Posted: Mon Nov 22, 2021 8:48 pm
by Fabio
maybe you should use the fact that one full bye of movement is free
i'll try this
LDA highb-inp
STA midbyte2
STZ highbyte2 ; because 16:8 is a 24 bit number
lda lobyte-inp
ldy #2
:loop
ASL A
ROL midbyte2
ROL highbyte2
LSR highb-inp
ROR lobyte-inp
DEY
BNE :loop ;given priority on code compactness
CLC
ADC lobyte-inp
STA lobyte2
LDA highb-inp
ADC midbyte2
STA midbyte2
TYA ; same as LDA #0 because now Y is zero
ADC highbyte2
STA highbyte2
RTS
Does this seem eggregious to anyone besides me?
Posted: Tue Nov 23, 2021 12:53 am
by BruceMcF
On 11/22/2021 at 4:20 AM, paulscottrobson said:
You could approximate. The tick range isn't going to be that large, I wouldn't have thought. 1/60 (0.016667) is pretty close to 1/16 (0.015625), better done here obviously as 4/256. The error is about 6.5%.

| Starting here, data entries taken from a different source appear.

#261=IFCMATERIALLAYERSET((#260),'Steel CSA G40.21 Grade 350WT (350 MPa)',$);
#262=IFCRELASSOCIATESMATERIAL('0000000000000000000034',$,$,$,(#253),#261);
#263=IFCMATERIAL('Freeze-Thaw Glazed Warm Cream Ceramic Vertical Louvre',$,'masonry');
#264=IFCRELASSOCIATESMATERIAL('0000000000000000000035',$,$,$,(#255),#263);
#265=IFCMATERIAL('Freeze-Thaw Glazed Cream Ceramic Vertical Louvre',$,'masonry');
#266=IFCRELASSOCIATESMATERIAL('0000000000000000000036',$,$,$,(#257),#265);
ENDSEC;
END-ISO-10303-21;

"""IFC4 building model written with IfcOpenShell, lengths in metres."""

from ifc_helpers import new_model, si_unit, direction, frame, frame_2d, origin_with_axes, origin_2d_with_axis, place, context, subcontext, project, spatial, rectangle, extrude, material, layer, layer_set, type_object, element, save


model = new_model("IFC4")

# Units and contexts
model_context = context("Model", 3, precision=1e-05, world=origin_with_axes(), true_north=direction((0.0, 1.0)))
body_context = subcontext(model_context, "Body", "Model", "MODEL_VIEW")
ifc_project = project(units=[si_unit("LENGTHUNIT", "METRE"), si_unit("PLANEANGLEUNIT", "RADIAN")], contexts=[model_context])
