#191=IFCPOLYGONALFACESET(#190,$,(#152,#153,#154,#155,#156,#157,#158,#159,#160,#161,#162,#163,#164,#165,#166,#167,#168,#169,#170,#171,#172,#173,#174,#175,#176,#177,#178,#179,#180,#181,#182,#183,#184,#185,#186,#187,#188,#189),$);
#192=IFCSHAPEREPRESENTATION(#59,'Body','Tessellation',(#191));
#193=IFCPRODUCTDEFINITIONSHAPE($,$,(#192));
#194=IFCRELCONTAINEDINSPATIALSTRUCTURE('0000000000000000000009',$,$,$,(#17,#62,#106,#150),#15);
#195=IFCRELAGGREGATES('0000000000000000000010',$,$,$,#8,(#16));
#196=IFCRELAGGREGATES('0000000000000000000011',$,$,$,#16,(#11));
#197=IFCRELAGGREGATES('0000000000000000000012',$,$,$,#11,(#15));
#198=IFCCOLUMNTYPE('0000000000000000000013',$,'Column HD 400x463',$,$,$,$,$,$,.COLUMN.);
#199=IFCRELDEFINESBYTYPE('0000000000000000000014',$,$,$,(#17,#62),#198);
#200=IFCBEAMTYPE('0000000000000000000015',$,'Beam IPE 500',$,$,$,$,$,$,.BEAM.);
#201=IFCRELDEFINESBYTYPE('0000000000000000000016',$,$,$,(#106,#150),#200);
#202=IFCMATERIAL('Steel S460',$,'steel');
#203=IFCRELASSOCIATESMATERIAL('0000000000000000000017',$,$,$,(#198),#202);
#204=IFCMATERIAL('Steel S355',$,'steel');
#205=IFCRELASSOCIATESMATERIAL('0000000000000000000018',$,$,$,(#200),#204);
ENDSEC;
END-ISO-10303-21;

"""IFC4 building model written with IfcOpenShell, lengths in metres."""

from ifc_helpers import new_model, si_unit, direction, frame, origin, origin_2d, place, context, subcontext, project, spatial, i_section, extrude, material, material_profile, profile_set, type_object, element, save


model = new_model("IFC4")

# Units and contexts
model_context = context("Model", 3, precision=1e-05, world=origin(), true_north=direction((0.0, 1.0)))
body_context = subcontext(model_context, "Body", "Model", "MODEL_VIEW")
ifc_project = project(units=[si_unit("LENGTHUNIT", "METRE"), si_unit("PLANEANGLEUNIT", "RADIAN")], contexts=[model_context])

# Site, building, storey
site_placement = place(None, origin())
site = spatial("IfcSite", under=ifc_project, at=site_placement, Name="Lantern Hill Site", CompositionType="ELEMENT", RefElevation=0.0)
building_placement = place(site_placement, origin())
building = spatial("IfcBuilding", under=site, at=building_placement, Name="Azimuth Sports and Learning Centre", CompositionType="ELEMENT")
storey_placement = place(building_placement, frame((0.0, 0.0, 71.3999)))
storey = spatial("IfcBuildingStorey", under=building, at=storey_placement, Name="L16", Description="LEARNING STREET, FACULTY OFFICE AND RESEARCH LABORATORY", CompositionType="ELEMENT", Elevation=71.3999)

This is a bit high, high enough to be noticeable perhaps, so you could have a fudge factor or factors to add based around a variety of tick rates, given the limited range of tick in practice. You could knock up some numbers in a spreadsheet and get it near enough for practical purposes.
It's even debatable whether there's any point in representing it as a fixed point fraction, I don't think many people are going to be able to tell a difference of 1-2% in tempo.
1/64 + 1/1024 = 0.0166015625, which is about 0.3% off. That is 4*(1/256) and (1/256)/4.
Does this seem eggregious to anyone besides me?
Posted: Tue Nov 23, 2021 9:35 am
by paulscottrobson
On 11/23/2021 at 12:53 AM, BruceMcF said:
1/64 + 1/1024 = 0.0166015625, which is about 0.3% off. That is 4*(1/256) and (1/256)/4.
As it's a 16 bit value you could probably just divide the upper byte by 1024, which would be >> 8x >> 2 which would be quicker and only marginally less accurate. It might be quicker to decompose the value into 256.a+b , apply your calculation and simplify it. But I've got to go for a flu jab in a minute
?
Does this seem eggregious to anyone besides me?
Posted: Tue Nov 23, 2021 11:43 am
by Ed Minchau
On 11/22/2021 at 5:53 PM, BruceMcF said:
1/64 + 1/1024 = 0.0166015625, which is about 0.3% off. That is 4*(1/256) and (1/256)/4.
That's what my little algorithm above does. The result isn't 16.8, but can be shifted there.